On two other occasions Wilber will use Derrida to counter Katz and make reference to this one misinterpreted quote as his justification for doing so.
The problems Derrida poses for Wilber go beyond his mistaken interpretation of Derrida's words. At many key points in the text, Wilber relies on Saussure's distinction between the signified and the signifier, assuming the distinction is unproblematic. But one of the crucial deconstructive moves that Derrida makes is to deconstruct that very distinction. Derrida writes, “if this difference [between signified and signifier] is never pure, no more so is translation, and for the notion of translation we would have to substitute a notion of transformation: . . . We will never have, and in fact have never had, to do with some 'transport' of pure signifiers from one language to another, or within one and the same language, that the signifying instrument would leave virgin and untouched.” In other words, the spoken and written words we use always leave their marks on the translations made and we never gain a pure unmediated idea of what the linguistic other says. Just as Katz argues.
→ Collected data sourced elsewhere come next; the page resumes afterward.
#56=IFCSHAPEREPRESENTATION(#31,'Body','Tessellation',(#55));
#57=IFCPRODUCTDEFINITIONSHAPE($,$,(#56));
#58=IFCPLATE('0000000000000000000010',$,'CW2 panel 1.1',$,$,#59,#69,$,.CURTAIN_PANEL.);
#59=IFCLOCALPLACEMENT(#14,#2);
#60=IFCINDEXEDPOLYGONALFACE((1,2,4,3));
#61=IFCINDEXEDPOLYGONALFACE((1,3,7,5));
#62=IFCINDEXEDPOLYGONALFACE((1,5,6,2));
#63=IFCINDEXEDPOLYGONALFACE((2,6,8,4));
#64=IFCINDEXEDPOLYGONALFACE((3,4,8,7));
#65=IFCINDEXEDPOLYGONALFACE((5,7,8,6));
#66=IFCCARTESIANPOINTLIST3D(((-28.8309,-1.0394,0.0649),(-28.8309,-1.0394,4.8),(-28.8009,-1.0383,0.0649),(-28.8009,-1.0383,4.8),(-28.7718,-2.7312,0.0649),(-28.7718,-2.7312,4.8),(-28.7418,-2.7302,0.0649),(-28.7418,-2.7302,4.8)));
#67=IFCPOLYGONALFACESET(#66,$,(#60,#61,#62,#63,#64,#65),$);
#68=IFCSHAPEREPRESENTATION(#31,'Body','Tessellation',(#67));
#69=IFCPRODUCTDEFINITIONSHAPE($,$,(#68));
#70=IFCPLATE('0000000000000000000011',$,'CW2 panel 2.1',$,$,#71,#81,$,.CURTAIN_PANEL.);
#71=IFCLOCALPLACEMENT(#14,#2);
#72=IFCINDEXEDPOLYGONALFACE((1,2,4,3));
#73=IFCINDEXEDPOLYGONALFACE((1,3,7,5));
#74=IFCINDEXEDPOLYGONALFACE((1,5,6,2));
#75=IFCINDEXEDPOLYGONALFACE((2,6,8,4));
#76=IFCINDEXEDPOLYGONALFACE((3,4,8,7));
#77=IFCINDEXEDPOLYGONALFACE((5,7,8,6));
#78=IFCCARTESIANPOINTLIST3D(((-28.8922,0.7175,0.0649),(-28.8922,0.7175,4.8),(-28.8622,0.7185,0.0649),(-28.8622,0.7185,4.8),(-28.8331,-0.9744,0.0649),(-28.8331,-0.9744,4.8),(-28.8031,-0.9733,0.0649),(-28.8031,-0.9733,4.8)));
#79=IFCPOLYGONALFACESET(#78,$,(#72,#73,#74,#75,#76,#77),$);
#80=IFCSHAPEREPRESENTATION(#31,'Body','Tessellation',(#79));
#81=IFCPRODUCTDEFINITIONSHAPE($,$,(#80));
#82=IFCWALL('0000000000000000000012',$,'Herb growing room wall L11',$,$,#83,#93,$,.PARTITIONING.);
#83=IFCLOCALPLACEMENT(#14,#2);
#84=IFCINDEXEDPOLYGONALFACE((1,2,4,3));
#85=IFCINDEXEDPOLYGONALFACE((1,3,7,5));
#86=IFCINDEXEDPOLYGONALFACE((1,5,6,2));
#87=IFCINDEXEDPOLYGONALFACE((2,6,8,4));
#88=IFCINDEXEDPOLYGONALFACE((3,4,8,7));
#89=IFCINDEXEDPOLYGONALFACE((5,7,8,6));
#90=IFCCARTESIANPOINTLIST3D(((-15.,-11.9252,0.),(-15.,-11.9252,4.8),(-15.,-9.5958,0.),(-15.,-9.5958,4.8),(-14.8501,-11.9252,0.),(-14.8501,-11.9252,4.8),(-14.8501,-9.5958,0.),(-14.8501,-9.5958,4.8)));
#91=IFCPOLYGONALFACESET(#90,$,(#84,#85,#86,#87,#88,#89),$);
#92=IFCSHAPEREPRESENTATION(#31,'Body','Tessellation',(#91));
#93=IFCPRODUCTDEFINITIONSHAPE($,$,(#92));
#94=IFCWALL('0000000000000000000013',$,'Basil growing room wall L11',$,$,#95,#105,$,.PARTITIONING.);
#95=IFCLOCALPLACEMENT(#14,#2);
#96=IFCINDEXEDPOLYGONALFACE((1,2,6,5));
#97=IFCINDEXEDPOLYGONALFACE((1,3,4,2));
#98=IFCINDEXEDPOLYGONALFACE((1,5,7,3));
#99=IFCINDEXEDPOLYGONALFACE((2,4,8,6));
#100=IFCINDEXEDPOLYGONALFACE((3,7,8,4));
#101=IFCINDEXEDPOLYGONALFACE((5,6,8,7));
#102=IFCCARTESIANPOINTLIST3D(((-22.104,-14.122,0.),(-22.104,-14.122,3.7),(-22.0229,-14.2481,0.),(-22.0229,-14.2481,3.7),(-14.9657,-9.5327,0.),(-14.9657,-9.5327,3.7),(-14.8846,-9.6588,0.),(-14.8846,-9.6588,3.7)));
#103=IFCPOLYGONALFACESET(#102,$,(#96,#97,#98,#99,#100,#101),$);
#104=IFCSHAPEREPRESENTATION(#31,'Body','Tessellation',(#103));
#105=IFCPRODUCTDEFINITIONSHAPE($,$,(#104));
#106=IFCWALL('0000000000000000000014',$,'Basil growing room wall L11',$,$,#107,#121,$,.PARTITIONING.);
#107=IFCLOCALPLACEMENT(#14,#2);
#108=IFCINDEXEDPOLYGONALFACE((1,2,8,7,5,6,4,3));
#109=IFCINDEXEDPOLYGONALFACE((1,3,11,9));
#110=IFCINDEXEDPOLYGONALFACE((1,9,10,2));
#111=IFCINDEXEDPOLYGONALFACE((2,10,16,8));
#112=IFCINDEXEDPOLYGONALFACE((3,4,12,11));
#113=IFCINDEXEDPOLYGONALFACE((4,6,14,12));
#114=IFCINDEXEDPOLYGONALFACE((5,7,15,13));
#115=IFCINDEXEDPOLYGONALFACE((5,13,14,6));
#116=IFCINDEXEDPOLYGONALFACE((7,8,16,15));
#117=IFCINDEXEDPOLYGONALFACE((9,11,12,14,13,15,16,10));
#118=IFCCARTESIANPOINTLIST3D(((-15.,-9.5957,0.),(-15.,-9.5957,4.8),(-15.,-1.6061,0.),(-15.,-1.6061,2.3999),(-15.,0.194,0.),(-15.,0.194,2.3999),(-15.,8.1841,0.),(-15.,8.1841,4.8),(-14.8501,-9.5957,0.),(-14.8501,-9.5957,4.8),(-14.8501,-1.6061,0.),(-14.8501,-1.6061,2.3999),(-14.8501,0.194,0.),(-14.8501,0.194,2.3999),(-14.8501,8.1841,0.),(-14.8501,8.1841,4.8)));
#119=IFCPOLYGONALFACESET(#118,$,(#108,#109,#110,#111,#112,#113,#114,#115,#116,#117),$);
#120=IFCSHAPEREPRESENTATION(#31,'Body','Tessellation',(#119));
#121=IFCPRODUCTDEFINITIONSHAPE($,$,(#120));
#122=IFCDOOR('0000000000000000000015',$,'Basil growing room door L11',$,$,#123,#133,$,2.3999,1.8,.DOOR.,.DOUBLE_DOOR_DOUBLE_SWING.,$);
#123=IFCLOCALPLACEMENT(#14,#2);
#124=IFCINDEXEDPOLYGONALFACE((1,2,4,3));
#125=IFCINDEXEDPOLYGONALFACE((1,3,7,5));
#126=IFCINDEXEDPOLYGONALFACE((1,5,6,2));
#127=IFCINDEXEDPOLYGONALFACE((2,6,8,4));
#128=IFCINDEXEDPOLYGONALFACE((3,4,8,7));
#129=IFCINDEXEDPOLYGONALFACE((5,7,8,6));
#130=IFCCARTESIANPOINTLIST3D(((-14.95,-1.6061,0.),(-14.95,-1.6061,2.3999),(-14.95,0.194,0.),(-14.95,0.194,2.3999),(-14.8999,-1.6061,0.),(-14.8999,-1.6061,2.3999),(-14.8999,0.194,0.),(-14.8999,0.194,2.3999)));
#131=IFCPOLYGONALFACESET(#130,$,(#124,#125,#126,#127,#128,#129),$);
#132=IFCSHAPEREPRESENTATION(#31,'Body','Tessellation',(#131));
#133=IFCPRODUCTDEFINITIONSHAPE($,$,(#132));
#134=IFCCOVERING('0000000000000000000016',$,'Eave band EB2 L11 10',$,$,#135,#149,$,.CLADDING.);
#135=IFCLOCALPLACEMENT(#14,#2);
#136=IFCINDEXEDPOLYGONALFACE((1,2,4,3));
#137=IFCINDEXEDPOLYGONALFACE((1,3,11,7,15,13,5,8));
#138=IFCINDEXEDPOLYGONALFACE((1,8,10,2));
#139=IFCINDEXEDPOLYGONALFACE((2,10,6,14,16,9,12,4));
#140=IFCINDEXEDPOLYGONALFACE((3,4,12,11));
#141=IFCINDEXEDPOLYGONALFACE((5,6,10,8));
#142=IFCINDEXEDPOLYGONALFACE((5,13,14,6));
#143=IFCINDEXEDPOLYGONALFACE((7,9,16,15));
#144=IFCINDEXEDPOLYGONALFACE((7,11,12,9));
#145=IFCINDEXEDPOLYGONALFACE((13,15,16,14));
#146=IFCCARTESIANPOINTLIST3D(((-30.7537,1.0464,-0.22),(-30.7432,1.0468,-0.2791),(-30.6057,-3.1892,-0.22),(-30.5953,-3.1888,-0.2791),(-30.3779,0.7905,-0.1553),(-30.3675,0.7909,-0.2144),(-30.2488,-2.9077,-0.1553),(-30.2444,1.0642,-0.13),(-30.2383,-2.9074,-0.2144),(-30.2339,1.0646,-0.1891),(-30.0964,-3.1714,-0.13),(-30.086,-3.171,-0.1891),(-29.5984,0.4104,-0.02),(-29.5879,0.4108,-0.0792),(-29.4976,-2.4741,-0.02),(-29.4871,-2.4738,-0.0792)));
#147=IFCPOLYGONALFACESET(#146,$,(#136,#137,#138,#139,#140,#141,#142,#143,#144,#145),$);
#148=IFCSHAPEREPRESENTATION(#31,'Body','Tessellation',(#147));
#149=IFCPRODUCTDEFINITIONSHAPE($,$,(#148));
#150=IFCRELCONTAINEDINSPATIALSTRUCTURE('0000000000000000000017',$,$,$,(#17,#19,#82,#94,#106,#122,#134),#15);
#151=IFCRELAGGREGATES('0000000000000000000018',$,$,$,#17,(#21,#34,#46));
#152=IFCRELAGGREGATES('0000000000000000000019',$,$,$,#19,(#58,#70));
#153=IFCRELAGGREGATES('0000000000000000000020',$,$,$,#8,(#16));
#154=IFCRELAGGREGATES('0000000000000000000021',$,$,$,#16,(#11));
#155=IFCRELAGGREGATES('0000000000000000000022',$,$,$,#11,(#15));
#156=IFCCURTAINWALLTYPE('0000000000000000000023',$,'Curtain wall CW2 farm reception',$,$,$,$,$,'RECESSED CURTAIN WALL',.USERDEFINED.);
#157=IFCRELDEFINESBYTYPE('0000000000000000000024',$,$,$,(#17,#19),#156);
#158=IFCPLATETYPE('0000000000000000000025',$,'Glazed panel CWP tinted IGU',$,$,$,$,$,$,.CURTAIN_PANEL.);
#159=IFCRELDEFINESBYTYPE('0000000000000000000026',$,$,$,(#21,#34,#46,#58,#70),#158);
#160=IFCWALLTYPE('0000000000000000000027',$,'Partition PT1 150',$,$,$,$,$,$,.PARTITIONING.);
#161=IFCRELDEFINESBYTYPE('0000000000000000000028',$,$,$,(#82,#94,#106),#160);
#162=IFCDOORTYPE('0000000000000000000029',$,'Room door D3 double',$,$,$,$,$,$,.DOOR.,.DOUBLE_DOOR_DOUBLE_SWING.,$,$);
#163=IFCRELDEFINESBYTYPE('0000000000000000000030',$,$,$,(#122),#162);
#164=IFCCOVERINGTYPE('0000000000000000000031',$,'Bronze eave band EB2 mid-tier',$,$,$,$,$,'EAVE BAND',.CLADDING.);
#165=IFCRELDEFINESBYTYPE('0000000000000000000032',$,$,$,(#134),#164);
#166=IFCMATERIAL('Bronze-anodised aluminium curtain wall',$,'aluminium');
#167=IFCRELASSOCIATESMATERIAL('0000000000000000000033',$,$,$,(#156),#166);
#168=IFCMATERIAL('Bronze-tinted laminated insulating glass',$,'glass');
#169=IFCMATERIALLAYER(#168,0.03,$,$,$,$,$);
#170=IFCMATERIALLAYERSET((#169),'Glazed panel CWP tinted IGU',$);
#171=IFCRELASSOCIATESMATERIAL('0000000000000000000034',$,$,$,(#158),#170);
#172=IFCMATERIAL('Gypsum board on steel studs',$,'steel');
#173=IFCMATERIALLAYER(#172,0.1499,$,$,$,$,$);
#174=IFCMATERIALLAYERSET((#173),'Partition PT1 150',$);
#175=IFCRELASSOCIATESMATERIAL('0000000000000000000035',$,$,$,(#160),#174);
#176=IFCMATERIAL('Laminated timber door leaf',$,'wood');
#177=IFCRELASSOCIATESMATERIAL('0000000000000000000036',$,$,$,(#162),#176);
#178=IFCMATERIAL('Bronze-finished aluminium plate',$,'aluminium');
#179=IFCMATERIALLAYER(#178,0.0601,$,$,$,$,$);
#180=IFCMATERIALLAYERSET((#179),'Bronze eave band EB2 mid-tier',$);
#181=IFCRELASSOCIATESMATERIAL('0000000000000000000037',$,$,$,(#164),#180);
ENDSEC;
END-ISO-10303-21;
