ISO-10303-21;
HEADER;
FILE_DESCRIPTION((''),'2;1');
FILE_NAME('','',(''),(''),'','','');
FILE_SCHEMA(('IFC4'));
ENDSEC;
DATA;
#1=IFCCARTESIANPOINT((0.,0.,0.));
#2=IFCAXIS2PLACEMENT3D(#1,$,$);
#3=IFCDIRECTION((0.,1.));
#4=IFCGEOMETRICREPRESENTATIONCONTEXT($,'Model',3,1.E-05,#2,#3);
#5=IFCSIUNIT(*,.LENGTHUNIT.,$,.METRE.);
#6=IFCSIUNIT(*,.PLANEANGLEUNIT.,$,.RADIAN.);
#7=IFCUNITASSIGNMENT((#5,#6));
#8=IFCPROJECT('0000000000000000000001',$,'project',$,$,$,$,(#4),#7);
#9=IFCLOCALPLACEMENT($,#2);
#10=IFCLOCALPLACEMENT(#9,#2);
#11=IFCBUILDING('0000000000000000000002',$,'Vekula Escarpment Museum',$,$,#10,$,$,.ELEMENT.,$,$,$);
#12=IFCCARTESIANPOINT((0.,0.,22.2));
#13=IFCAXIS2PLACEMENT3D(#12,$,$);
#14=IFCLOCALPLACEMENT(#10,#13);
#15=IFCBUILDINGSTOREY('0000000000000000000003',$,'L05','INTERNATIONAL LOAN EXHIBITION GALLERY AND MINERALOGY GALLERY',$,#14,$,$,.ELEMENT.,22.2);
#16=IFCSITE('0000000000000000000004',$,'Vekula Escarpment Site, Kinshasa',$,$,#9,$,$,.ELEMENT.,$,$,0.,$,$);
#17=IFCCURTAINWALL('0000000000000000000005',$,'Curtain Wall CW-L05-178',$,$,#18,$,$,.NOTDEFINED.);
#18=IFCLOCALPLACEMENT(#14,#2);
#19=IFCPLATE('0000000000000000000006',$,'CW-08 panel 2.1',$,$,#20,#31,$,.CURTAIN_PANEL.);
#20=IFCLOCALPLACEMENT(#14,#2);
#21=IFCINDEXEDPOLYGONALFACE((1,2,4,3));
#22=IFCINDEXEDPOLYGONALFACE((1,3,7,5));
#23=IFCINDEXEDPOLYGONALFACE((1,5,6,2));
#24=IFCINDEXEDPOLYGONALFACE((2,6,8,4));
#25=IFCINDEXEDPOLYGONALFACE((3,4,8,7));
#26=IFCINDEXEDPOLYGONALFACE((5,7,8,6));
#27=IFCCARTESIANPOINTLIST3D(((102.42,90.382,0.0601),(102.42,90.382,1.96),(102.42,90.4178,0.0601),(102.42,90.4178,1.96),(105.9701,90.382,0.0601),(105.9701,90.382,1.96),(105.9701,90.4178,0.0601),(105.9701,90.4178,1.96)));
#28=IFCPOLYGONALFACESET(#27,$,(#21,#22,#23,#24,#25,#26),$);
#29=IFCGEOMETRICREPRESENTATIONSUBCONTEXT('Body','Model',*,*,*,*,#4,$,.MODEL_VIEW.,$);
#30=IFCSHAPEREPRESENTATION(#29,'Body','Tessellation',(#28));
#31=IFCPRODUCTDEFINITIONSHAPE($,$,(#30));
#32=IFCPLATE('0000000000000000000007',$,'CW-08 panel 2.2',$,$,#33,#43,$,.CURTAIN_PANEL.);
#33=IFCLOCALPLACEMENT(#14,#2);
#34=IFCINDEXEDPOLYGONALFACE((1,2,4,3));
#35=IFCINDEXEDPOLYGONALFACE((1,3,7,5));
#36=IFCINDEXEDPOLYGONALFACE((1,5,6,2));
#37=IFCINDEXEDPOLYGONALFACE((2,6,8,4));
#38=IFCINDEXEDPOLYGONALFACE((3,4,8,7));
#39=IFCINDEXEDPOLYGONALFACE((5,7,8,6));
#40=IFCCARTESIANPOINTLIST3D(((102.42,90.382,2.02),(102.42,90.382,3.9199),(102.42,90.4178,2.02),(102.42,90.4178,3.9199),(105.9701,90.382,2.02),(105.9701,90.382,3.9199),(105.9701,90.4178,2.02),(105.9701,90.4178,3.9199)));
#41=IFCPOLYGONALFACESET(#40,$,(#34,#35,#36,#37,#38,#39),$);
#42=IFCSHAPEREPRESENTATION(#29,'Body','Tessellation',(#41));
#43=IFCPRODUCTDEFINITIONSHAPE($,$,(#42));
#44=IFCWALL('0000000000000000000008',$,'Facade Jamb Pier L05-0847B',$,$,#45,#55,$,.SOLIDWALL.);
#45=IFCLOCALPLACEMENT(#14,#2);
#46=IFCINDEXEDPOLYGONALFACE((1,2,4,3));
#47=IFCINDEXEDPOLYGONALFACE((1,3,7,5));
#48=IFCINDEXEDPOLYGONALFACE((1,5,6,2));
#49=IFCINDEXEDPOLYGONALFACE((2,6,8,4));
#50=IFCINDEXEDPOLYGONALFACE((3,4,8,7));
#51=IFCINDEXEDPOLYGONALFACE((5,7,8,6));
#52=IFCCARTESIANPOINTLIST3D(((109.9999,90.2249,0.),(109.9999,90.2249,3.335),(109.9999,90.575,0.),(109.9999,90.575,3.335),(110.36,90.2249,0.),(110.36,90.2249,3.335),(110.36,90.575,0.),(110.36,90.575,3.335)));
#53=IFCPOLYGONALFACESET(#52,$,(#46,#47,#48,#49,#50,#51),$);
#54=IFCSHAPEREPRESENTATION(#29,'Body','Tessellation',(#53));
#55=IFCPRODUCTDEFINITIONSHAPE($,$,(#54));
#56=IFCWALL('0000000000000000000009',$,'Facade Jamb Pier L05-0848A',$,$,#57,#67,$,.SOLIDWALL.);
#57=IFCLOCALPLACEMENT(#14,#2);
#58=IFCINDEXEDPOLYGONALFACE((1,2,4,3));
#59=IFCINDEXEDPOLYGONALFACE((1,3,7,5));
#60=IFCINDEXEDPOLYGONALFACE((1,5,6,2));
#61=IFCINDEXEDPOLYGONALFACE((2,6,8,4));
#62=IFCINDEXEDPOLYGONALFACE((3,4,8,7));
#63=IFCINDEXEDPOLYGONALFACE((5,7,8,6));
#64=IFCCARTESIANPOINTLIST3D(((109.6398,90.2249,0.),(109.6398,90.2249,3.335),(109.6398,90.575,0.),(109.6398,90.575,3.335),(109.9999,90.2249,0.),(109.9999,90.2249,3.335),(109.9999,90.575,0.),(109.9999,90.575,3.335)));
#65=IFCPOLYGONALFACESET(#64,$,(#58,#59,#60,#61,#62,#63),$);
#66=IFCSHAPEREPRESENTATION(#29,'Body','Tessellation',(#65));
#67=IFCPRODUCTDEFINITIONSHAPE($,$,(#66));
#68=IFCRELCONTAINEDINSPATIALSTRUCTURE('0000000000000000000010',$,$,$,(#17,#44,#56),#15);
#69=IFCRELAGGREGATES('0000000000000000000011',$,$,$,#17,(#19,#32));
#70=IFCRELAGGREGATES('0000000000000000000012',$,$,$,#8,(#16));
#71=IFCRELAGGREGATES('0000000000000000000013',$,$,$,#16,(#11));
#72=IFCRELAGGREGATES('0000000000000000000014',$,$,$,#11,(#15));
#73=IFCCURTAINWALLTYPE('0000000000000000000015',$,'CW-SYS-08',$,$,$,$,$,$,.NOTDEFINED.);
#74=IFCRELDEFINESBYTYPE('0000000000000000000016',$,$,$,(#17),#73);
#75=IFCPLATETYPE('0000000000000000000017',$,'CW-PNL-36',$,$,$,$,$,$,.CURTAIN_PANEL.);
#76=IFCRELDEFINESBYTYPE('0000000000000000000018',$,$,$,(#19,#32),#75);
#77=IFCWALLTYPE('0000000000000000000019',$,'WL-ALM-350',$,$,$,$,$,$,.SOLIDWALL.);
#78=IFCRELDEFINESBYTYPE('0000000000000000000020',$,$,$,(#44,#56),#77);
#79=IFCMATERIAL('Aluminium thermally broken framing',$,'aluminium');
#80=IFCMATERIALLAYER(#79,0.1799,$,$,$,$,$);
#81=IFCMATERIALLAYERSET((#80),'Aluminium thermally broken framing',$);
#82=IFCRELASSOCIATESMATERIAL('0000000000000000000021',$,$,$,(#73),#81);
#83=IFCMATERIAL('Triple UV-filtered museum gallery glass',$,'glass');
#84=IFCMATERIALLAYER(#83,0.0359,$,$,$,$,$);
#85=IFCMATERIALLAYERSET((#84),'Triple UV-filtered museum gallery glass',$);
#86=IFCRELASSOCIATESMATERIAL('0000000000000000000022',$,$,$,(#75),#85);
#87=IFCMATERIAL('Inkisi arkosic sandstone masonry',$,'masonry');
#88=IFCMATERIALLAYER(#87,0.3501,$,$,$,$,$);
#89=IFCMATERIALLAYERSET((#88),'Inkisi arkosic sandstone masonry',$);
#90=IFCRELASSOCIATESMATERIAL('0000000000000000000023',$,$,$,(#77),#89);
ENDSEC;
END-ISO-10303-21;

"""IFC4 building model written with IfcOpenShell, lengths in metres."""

from ifc_helpers import new_model, si_unit, direction, frame, frame_2d, origin, origin_2d, place, context, subcontext, project, spatial, rectangle, extrude, material, layer, layer_set, type_object, element, aggregate, save


model = new_model("IFC4")

# Units and contexts
model_context = context("Model", 3, precision=1e-05, world=origin(), true_north=direction((0.0, 1.0)))
body_context = subcontext(model_context, "Body", "Model", "MODEL_VIEW")
ifc_project = project(units=[si_unit("LENGTHUNIT", "METRE"), si_unit("PLANEANGLEUNIT", "RADIAN")], contexts=[model_context])

# Site, building, storey
site_placement = place(None, origin())
site = spatial("IfcSite", under=ifc_project, at=site_placement, Name="Vekula Escarpment Site, Kinshasa", CompositionType="ELEMENT", RefElevation=0.0)
building_placement = place(site_placement, origin())
building = spatial("IfcBuilding", under=site, at=building_placement, Name="Vekula Escarpment Museum", CompositionType="ELEMENT")
storey_placement = place(building_placement, frame((0.0, 0.0, 22.2)))
storey = spatial("IfcBuildingStorey", under=building, at=storey_placement, Name="L05", Description="INTERNATIONAL LOAN EXHIBITION GALLERY AND MINERALOGY GALLERY", CompositionType="ELEMENT", Elevation=22.2)

# Curtain wall
ifc_material_1 = material(Name="Aluminium thermally broken framing", Category="aluminium")
ifc_layer_1 = layer(ifc_material_1, 0.1799)
ifc_layer_set_1 = layer_set([ifc_layer_1], Name="Aluminium thermally broken framing")
curtain_wall_type_1 = type_object("IfcCurtainWallType", Name="CW-SYS-08", PredefinedType="NOTDEFINED", material=ifc_layer_set_1)
curtain_wall_1_placement = place(storey_placement, origin())
curtain_wall_1 = element("IfcCurtainWall", 1, at=curtain_wall_1_placement, inside=storey, type_object=curtain_wall_type_1, Name="Curtain Wall CW-L05-178", PredefinedType="NOTDEFINED")

# Plates
ifc_material_2 = material(Name="Triple UV-filtered museum gallery glass", Category="glass")
ifc_layer_2 = layer(ifc_material_2, 0.0359)
ifc_layer_set_2 = layer_set([ifc_layer_2], Name="Triple UV-filtered museum gallery glass")
plate_type_1 = type_object("IfcPlateType", Name="CW-PNL-36", PredefinedType="CURTAIN_PANEL", material=ifc_layer_set_2)
plate_1_placement = place(storey_placement, frame((104.1951, 90.3999, 0.0601), z_axis=(0.0, 0.0, 1.0), x_axis=(-1.0, 0.0, 0.0)))
plate_1 = element("IfcPlate", 2, at=plate_1_placement, type_object=plate_type_1, Name="CW-08 panel 2.1", PredefinedType="CURTAIN_PANEL", context=body_context, shape_type="SweptSolid", body=[
    extrude(rectangle(XDim=3.55, YDim=0.0359, at=origin_2d()), origin(), (0.0, 0.0, 1.0), 1.8999),
])
plate_2_placement = place(storey_placement, frame((104.1951, 90.3999, 2.02), z_axis=(0.0, 0.0, 1.0), x_axis=(-1.0, 0.0, 0.0)))
plate_2 = element("IfcPlate", 3, at=plate_2_placement, type_object=plate_type_1, Name="CW-08 panel 2.2", PredefinedType="CURTAIN_PANEL", context=body_context, shape_type="SweptSolid", body=[
    extrude(rectangle(XDim=3.55, YDim=0.0359, at=origin_2d()), origin(), (0.0, 0.0, 1.0), 1.8999),
])
aggregate(curtain_wall_1, [plate_1, plate_2])

# Walls
ifc_material_3 = material(Name="Inkisi arkosic sandstone masonry", Category="masonry")
ifc_layer_3 = layer(ifc_material_3, 0.3501)
ifc_layer_set_3 = layer_set([ifc_layer_3], Name="Inkisi arkosic sandstone masonry")
wall_type = type_object("IfcWallType", Name="WL-ALM-350", PredefinedType="SOLIDWALL", material=ifc_layer_set_3)
for number, where, z_axis, x_axis, name in (
    (4, (110.3601, 90.3999, 0.0), (0.0, 0.0, 1.0), (-1.0, 0.0, 0.0), "Facade Jamb Pier L05-0847B"),
    (5, (110.0, 90.3999, 0.0), (0.0, 0.0, 1.0), (-1.0, 0.0, 0.0), "Facade Jamb Pier L05-0848A"),
):
    element("IfcWall", number, at=place(storey_placement, frame(where, z_axis=z_axis, x_axis=x_axis)), inside=storey, type_object=wall_type, Name=name, PredefinedType="SOLIDWALL", context=body_context, shape_type="SweptSolid", body=[
        extrude(rectangle(XDim=0.3601, YDim=0.3501, at=frame_2d((0.1802, 0.0))), origin(), (0.0, 0.0, 1.0), 3.335),
    ])

save(model, "model.ifc")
Derrida's poststructural critique of Saussure is problematic for Wilber in another way. His deconstruction of the very distinction between signifier and signified that Wilber uses demonstrates that the two are not really distinct entities but necessary ingredients of each other. Can we imagine a signified a pure concept by itself? Think of the signified “dog.” Isn't there always the signifier the image or word “dog” present? Alternatively, can there be a signifier without a signified? One might say yes, there are many signifiers heard or written words of which we don't know the meaning or signified; they are signifiers without signifieds. Yet when you look that word up in a dictionary, of what does its definition meaning or signified consist, but a bunch of signs signifiers and signifieds strung together? So that meaning or signified you don't know is actually a bunch of signifiers and signifieds and not a pure, isolable meaning. It's just a trick of language that makes you think it is because we commonly say “I don't know what that word means (don't know its signified).” This is Derrida's critique of Saussure's description of the sign and just one of the problems Wilber will encounter if he uses it.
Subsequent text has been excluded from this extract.